However, their cultivation is both complex and a manually-intensive process. In a project designd to solve this problem, the Georgia Tech Research Institute (GTRI) has developed an intelligent robot designed to handle the human-based tasks of thinning and pruning peach trees, which could result in significant cost savings for peach farms in Georgia.
The robot uses a LIDAR sensing system and highly-specialised GPS technology to self-navigate through peach orchards and steer clear of obstacles. The LIDAR system determines distances by targeting an object with a laser and measuring the amount of time it takes for the laser beam to reflect back, while the GPS technology measures locations as specific as a fraction of an inch.

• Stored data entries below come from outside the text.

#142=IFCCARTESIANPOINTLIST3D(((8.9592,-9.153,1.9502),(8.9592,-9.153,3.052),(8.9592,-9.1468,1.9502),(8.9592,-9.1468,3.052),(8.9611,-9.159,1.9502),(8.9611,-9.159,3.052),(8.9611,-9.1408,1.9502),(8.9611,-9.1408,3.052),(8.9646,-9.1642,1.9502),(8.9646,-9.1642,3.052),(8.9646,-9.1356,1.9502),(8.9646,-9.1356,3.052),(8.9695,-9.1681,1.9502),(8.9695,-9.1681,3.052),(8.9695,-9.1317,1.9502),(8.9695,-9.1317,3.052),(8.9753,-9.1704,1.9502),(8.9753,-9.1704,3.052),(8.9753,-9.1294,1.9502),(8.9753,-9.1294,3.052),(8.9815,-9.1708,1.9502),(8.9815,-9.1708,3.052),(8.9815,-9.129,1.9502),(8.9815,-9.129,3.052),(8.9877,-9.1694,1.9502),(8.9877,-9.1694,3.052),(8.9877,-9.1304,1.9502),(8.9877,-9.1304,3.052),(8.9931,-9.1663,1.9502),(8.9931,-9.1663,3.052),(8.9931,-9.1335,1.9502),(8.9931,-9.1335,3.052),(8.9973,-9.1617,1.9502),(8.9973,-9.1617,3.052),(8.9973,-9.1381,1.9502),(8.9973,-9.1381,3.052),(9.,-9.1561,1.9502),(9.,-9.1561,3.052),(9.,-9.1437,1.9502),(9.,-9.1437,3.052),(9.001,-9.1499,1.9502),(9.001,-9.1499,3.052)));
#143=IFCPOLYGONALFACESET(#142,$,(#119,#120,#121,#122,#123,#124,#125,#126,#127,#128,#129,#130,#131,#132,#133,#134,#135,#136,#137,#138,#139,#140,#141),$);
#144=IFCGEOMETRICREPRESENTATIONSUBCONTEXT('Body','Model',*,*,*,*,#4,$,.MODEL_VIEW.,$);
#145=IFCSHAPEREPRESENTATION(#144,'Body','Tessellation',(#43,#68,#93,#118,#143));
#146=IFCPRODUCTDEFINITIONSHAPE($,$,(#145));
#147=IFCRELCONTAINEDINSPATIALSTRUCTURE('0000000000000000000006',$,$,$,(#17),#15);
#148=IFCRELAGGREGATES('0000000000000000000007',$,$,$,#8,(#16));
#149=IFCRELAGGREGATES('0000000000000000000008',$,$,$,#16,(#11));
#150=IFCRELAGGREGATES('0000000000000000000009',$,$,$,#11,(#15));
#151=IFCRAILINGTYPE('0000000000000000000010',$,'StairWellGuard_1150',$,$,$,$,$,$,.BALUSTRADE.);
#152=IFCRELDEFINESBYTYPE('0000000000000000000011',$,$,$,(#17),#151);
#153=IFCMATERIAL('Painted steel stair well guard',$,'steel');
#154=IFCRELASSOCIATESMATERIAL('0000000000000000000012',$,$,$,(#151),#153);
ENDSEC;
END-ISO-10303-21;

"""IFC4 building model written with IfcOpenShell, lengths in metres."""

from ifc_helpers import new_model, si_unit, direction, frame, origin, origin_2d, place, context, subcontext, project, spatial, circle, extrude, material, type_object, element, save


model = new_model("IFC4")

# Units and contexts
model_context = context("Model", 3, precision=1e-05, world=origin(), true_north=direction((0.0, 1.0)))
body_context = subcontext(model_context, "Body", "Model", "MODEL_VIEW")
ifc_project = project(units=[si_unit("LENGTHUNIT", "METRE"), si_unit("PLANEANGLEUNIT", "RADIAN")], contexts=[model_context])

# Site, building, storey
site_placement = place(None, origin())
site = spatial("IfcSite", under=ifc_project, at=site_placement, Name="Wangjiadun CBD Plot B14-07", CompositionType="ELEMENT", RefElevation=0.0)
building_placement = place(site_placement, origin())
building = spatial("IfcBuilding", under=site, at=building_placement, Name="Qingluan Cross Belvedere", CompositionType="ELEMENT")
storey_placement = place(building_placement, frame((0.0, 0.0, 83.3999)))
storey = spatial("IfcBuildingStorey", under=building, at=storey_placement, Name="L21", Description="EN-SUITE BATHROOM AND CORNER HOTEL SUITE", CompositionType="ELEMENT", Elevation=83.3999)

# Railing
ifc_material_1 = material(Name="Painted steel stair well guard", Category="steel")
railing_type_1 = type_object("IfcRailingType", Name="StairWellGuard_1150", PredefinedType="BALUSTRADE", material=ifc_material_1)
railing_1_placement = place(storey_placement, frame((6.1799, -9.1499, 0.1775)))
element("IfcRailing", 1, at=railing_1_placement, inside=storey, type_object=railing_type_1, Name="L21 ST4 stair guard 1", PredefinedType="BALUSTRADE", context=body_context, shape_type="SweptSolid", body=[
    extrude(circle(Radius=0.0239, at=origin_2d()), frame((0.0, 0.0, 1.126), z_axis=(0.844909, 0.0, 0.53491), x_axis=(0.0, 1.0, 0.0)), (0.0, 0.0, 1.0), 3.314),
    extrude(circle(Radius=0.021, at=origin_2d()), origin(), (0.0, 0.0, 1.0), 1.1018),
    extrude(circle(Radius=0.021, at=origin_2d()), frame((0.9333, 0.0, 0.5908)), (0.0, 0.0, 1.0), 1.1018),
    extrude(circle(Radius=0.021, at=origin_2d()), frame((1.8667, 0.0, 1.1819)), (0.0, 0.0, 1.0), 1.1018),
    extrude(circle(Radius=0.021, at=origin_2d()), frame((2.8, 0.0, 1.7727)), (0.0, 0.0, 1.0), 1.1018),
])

Once at a peach tree, the robot uses an embedded 3D camera to determine which peaches need to be removed and grabs the peaches using a claw-like device, known as an end effector, that is connected to the end of its arm.
"Most people are familiar with the harvesting of fruit and picking it up at the market," said Ai-Ping Hu, a GTRI senior research engineer who is leading the robot design project. "But there's actually a lot more that gets done before that point in the cultivation cycle."
The robot addresses two key components of the peach cultivation cycle: tree pruning and tree thinning.
Pruning refers to the selective removal of branches prior to the spring growing season, which typically occurs from mid-May to early August, and serves many purposes – including exposing more interior surface areas of the fruit trees to sunlight and removing undesired older growth to enable new growth to better thrive. Thinning, meanwhile, is when small or undeveloped peaches, known as peachlets, are removed from peach trees to allow for bigger and better peaches to grow, Hu explained.
There are no robots on the market that have been able to fully replace humans in the peach cultivation industry due to peach orchards' unstructured environments, which includes unpredictable weather, uneven terrain, and trees' different shapes and sizes.
Current efforts to automate the harvesting of peaches and other specialty crops so far have not been as successful as advancements in commodity crop automation, where machines can collect hundreds of acres of the good at a time. Commodity crops include items such as corn, wheat, and soybeans.
"Specialty crops are still very reliant on manual labor," Hu said, "because everything is so individualized and so unique, it's really been difficult to automate."
To address these unique issues, GTRI is exploring ways to incorporate artificial intelligence and deep learning training methods to improve the robot's image classification abilities and overall performance.
GTRI has also partnered with Dario Chavez, an associate professor in the Department of Horticulture at the University of Georgia Griffin Campus in Griffin, Ga., to further explore the intelligent automation of peach farming.
Gary McMurray, a GTRI principal research engineer and division chief of GTRI's Intelligent Sustainable Technologies Division, said the novel robot stands to transform the fruit cultivation process for many farms that have struggled to grow trees that are strong enough to withstand unpredictable environmental conditions.